Recent AI x nuclear moves: INL and ORNL joined Argonne National Laboratory to cohost an exclusive AI x Nuclear Executive Summit held July 17 and 18 at Argonne, for conversations between laboratory, government, and tech company leaders on “AI for nuclear, nuclear for AI.”

On July 23, the White House issued an AI Action Plan and an executive order on “Accelerating Federal Permitting of Data Center Infrastructure,” which in part prioritize new power deployment for AI and data centers. The DOE followed on July 24 with news that the DOE had selected sites on federal land—INL, the Oak Ridge Reservation, the Paducah Gaseous Diffusion Plant, and the Savannah River Site—to host new data centers.

ORNL and Atomic Canyon’s proprietary AI: On July 22 during the Nuclear Opportunities Workshop in Knoxville, ORNL signed a memorandum of understanding with Atomic Canyon on plans to extend the scope of an existing collaboration on using AI to streamline the licensing process for nuclear power plants.

ORNL and Atomic Canyon agreed to use ORNL’s high-performance computing resources “to create high-fidelity simulations that ensure the safety of designs while accelerating licensing with artificial intelligence to automate aspects of the review process.” The agreement would also allow Atomic Canyon to continue to develop a proprietary version of its Neutron AI platform, called Neutron Enterprise, with “exclusive capabilities and enhanced cybersecurity features to protect sensitive nuclear information.”

“ORNL was critical to the development of nuclear energy more than 75 years ago, and we are committed to advancing the technologies needed to sustain and grow the nation’s nuclear capacity today,” said ORNL Director Stephen Streiffer.

ORNL’s Frontier supercomputer is central to the plan. Atomic Canyon has already used Frontier to develop an AI model it calls Fermi to power the company’s Neutron AI platform. According an ORNL press release, the Fermi model allows users to quickly locate relevant documentation from the over 53 million pages of historical documentation in the Nuclear Regulatory Commission’s ADAMS public library and “has the potential to save the industry vast amounts of time and labor by streamlining reporting requirements and accelerating licensing and regulatory compliance processes.”
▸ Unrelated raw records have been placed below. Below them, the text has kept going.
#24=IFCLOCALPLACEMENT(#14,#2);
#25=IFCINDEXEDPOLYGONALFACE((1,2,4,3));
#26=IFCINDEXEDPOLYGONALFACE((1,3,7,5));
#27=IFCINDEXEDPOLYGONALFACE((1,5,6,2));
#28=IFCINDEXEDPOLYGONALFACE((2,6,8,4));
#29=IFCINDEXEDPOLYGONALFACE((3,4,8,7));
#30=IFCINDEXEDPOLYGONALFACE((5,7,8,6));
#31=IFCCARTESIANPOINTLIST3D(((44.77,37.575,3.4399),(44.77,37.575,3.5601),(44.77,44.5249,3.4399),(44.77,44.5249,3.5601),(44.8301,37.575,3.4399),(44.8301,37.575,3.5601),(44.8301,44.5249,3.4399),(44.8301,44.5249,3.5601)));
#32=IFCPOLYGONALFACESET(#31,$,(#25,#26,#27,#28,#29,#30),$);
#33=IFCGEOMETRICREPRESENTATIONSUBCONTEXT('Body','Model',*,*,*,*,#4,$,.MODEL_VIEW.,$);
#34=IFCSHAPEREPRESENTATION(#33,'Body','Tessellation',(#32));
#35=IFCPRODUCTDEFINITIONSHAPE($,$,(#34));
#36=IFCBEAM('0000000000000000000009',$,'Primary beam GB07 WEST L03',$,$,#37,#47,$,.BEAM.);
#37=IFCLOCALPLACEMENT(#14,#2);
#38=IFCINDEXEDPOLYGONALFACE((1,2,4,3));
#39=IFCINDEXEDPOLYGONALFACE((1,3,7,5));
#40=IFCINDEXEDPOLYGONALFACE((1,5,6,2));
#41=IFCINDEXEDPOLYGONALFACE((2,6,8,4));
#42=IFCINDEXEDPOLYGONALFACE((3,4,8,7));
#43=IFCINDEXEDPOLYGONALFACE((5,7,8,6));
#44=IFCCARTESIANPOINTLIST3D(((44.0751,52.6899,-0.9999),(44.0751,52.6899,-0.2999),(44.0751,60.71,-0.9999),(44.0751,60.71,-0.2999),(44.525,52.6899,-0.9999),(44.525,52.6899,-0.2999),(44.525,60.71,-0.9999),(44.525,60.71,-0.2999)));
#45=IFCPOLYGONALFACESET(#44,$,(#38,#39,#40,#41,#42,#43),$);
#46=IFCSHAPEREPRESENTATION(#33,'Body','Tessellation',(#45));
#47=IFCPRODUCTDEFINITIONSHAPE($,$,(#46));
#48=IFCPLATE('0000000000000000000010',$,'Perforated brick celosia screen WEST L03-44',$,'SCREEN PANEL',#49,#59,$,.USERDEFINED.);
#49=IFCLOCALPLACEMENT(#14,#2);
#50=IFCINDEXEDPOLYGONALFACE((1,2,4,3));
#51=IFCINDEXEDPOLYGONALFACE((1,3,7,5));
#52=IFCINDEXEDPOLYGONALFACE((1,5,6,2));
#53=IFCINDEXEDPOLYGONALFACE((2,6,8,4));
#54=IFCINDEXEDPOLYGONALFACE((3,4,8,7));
“Our mission at Atomic Canyon is to build the most advanced generative AI platform for the nuclear industry,” said Atomic Canyon CEO Trey Lauderdale. “ORNL’s expertise in nuclear science and high-performance computing was critical for us to be able to build AI in a reliable format. We want to double down on that relationship to build AI that can be used to help every reactor in America’s nuclear fleet.”

INL twin on Amazon’s cloud: Unlike Argonne or ORNL, the two other labs at the AI x Nuclear Executive Summit, INL doesn’t have an on-site exascale supercomputer packed with GPUs. But INL has partners. The lab announced a collaboration with Microsoft on July 16 to streamline nuclear permitting and licensing using Microsoft’s Azure cloud and AI technologies, as previously covered on Nuclear Newswire.
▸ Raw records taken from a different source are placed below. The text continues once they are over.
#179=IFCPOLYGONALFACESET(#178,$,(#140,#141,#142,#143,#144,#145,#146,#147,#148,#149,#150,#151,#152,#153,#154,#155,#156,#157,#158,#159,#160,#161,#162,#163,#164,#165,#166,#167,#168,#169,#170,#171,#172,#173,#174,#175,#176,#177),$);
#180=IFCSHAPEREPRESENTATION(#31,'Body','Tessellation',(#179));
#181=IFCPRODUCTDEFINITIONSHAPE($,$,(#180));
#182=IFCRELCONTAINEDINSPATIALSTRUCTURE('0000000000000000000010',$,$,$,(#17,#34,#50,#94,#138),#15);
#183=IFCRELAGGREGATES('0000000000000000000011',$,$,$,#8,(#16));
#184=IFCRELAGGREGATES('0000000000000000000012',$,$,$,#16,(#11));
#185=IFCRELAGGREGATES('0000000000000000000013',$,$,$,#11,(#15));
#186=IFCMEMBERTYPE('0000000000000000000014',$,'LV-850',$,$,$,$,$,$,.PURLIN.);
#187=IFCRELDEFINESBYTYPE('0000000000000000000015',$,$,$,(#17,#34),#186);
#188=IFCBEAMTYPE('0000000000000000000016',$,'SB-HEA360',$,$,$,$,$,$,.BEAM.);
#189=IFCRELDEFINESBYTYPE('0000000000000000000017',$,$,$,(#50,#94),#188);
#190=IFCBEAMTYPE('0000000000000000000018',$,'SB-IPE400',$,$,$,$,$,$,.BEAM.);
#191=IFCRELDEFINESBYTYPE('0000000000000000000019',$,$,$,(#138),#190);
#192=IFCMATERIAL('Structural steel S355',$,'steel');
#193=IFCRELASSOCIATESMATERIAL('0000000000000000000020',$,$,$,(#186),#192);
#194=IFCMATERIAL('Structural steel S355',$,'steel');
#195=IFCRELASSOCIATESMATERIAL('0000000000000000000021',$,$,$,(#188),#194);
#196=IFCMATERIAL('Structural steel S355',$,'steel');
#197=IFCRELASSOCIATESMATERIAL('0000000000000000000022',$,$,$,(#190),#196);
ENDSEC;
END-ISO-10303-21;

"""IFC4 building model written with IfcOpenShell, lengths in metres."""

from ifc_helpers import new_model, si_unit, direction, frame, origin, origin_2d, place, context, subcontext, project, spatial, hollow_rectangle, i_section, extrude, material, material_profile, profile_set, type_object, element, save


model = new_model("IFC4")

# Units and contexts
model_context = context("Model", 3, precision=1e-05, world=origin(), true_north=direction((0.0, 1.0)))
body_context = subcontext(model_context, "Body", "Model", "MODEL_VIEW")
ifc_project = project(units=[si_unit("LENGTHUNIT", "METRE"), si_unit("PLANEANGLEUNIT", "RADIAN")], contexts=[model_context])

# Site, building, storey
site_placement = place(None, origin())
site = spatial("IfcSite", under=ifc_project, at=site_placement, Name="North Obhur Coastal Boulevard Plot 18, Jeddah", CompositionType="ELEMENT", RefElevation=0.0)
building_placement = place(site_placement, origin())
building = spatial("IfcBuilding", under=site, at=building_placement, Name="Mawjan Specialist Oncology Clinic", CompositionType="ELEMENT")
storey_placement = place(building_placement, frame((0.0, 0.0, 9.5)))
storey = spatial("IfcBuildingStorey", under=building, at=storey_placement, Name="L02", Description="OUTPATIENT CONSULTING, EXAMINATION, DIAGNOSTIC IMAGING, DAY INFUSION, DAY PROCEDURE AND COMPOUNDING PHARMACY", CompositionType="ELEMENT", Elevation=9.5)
One week later, INL announced it will work with Amazon Web Services (AWS) to develop a digital twin of an unspecified small modular reactor to enable advanced modeling and simulation.
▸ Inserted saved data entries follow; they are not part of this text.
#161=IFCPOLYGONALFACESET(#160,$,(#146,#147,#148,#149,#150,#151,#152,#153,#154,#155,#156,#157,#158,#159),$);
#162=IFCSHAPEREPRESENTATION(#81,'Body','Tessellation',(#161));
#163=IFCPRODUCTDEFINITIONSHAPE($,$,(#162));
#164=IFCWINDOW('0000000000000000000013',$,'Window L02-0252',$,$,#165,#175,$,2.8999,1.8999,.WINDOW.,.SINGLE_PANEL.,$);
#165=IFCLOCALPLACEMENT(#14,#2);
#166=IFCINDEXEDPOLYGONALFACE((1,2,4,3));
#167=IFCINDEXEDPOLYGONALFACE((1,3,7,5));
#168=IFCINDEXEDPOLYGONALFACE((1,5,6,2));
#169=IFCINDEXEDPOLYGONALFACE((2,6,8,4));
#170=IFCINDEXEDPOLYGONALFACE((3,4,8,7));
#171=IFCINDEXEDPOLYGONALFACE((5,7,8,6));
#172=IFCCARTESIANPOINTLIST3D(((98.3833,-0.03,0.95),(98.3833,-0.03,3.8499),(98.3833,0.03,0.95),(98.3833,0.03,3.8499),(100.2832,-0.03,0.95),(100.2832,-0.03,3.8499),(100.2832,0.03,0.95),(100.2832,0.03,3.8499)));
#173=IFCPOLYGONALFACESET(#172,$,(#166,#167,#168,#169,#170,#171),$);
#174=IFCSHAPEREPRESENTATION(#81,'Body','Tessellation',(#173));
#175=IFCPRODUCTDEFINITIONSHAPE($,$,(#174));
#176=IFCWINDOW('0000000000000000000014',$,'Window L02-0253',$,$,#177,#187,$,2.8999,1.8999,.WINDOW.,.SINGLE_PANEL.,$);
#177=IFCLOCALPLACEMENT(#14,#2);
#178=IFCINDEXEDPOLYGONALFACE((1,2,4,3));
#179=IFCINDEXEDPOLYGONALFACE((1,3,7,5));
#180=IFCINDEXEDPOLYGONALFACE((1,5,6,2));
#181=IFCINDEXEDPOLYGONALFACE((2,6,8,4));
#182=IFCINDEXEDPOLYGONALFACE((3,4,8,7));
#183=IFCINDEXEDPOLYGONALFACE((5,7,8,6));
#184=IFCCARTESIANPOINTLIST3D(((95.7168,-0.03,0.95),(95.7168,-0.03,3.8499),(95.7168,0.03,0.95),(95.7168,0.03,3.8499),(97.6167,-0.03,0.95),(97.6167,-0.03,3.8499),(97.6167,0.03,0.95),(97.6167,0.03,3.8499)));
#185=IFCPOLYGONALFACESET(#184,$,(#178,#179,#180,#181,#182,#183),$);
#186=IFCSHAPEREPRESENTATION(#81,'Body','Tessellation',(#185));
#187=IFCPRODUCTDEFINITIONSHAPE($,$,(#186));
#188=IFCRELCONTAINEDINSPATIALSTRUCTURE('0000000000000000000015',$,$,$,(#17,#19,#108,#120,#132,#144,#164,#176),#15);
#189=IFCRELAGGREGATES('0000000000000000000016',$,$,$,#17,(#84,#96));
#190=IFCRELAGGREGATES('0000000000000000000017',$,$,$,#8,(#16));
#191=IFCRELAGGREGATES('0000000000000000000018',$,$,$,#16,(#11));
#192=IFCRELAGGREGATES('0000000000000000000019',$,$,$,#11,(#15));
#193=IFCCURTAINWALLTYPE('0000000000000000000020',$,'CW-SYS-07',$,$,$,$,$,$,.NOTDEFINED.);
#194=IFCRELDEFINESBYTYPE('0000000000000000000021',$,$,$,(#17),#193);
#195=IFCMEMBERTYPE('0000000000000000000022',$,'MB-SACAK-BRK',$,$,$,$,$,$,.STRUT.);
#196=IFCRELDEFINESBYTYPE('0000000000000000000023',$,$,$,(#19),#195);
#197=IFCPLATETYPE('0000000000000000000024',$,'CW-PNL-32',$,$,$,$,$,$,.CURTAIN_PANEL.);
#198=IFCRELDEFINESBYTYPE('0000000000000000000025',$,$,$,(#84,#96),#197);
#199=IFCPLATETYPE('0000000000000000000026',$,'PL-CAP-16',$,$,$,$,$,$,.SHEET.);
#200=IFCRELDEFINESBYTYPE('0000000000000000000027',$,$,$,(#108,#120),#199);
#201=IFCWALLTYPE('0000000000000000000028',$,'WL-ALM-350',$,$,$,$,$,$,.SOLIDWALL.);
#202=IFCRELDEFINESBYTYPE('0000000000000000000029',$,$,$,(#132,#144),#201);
INL expects the tools it develops with Amazon “to reduce the costs and timeframes of designing, licensing, building, and operating nuclear facilities,” adding that “ultimately, the tools could be used for safe and reliable autonomous operation of nuclear reactors and accelerating deployment of new advanced reactors.”

By providing INL access to its cloud computing and AI capabilities, AWS is enabling “nuclear energy AI at scale,” said Chris Ritter, division director of scientific computing and AI at INL. “Through this collaboration with AWS, we have access to AI models, GPUs (graphical processing units), and specialized cloud services, including Amazon’s Bedrock service, which will enable INL researchers to use many leading foundation models to build nuclear energy applications,” Ritter said.